1. What this workflow does
This workflow helps you talk with an OpenAI assistant that can find information from many documents stored as vector data.
It fixes problems like strange characters and missing citation details in answers.
The result is clean, easy-to-check answers with correct file names for sources.
It saves lots of time by stopping the need to fix or search citations manually after a chat.
You get fast, reliable text with good references from your documents.
2. Who should use this workflow
This workflow is good for knowledge workers who ask AI about many files.
Especially if you want clear citations and not messy AI answers.
People using OpenAI assistants with vector search will find it most useful.
Users who want to save half an hour or more per day fixing AI outputs will get real benefits.
If you want a cleaner way to share AI-generated info with coworkers, this helps.
3. Tools and services used
- n8n: Automation tool to run the workflow.
- LangChain Chat Trigger node: Starts chat inside n8n.
- OpenAI Assistant with Vector Store node: Questions AI plus document passage search.
- HTTP Request nodes: To get full thread messages and file info.
- Split Out nodes: Break down messages and citations.
- Set and Aggregate nodes: Prepare and collect citation info.
- Code node: Formats final text replacing raw citations.
These combine to handle input questions, process citations, and output good text.
4. Beginner step-by-step: How to use this workflow in n8n
Download and import the workflow
- Download the workflow file using the Download button on this page.
- Open your n8n editor.
- Use the Import from File option.
- Select the downloaded workflow file to add it.
Configure API keys and IDs
- Add your OpenAI API Key to the OpenAI credentials inside n8n.
- Check the OpenAI Assistant with Vector Store node and update the assistantId to your AI assistant’s ID.
- Verify other IDs like threadId or file IDs if needed.
Test and activate
- Run the workflow with a test query to see if it returns answers with citations.
- Fix any errors by checking credentials or inputs.
- Once working, activate the workflow to let users access it via the chat button in n8n.
Now the workflow works in production to give clean referenced answers.
Consider using self-host n8n if running on your own server.
5. How the workflow works
Inputs
- User asks a question via the chat button in n8n.
- The LangChain Chat Trigger node receives the input.
Processing steps
- The OpenAI Assistant with Vector Store node uses the question to search vector documents and make an AI answer that includes citation references.
- An HTTP Request node fetches all thread messages to get complete citation texts.
- Multiple Split Out nodes break down the thread messages into separate messages, then into content parts, and finally isolate each citation.
- For every citation, an HTTP Request fetches the file name from OpenAI’s file API using the file ID.
- A Set node cleans and organizes citation details.
- An Aggregate node gathers all citation info into one array.
- A Code node finishes by replacing raw citations in the answer with filename-based references using Markdown.
Output
The final text has clean content with clearly formatted citations.
This helps users trust and use the AI output faster.
6. Inputs and outputs details
Inputs
- User chat messages containing questions.
- OpenAI assistant ID linked to a vector file store.
Outputs
- Answer text with replaced citations showing original filenames.

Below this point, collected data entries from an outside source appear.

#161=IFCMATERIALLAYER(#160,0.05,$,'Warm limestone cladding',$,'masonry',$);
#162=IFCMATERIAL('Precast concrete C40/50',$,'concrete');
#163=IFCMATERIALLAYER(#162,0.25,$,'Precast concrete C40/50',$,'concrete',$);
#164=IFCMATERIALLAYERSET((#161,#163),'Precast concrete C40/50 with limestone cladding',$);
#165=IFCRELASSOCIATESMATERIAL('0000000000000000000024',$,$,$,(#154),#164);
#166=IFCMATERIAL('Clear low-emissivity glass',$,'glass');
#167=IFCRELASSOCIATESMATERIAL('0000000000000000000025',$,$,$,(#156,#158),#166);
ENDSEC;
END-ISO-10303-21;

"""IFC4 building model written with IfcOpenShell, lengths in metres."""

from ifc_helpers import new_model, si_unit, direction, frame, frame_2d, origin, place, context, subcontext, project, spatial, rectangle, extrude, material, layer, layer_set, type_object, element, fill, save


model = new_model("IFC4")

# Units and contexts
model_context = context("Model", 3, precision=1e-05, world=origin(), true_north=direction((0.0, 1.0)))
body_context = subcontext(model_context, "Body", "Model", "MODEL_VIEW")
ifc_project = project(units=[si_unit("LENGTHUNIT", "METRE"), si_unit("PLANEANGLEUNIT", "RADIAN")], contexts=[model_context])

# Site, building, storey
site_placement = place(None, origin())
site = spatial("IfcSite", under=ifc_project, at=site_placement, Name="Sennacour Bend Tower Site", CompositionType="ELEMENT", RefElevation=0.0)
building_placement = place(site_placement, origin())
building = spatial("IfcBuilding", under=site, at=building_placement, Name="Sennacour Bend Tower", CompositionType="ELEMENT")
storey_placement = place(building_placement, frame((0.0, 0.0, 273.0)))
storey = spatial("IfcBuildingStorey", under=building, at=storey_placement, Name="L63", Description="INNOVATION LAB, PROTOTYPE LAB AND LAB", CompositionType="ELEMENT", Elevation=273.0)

- Well-structured JSON with conversation and file metadata.
This structure makes it easy to copy, share, or convert answers for reports.
7. Edge cases and troubleshooting
- Error authenticating with OpenAI API
Cause: Wrong or expired API Key in n8n credentials.
Fix: Update API Key inside n8n and test again. - No citations retrieved
Cause: Missing threadId or incomplete API response.
Fix: Ensure HTTP Request gets full thread messages; check data passing. - Missing file info for citation
Cause: File deleted or missing in OpenAI file list.
Fix: The workflow continues on error but check file existence.
Always keep Split Out nodes set to always output data.
Run test queries to confirm all parts work before production.
8. Customization ideas
- Change citation style inside Code node to use clickable links instead of just filenames.
- Enable optional Markdown to HTML node to get web-ready output.
- Add more documents in the OpenAI vector store and update assistantId accordingly.
- Edit LangChain Chat Trigger node UI text or chat settings for user experience.
These adjustments help tailor the workflow to fit different use cases.
9. Deployment basics
Activate the workflow in n8n by switching it on.
Users will see a chat button in the interface to ask questions.
Check workflow runs and logs to catch and fix issues.
Update API keys or assistantId if versions change.
If you want more control and uptime, consider running self-host n8n on a server.
This gives better availability for growing team use.
10. Summary of results
✓ Saves time fixing AI answers by automating citation retrieval.
✓ Gives cleaner, human-readable outputs with clear file references.
✓ Supports scalable document searches with vector data.
✓ Easy to import and configure in n8n.
✓ Improves trust and usability of AI-generated information.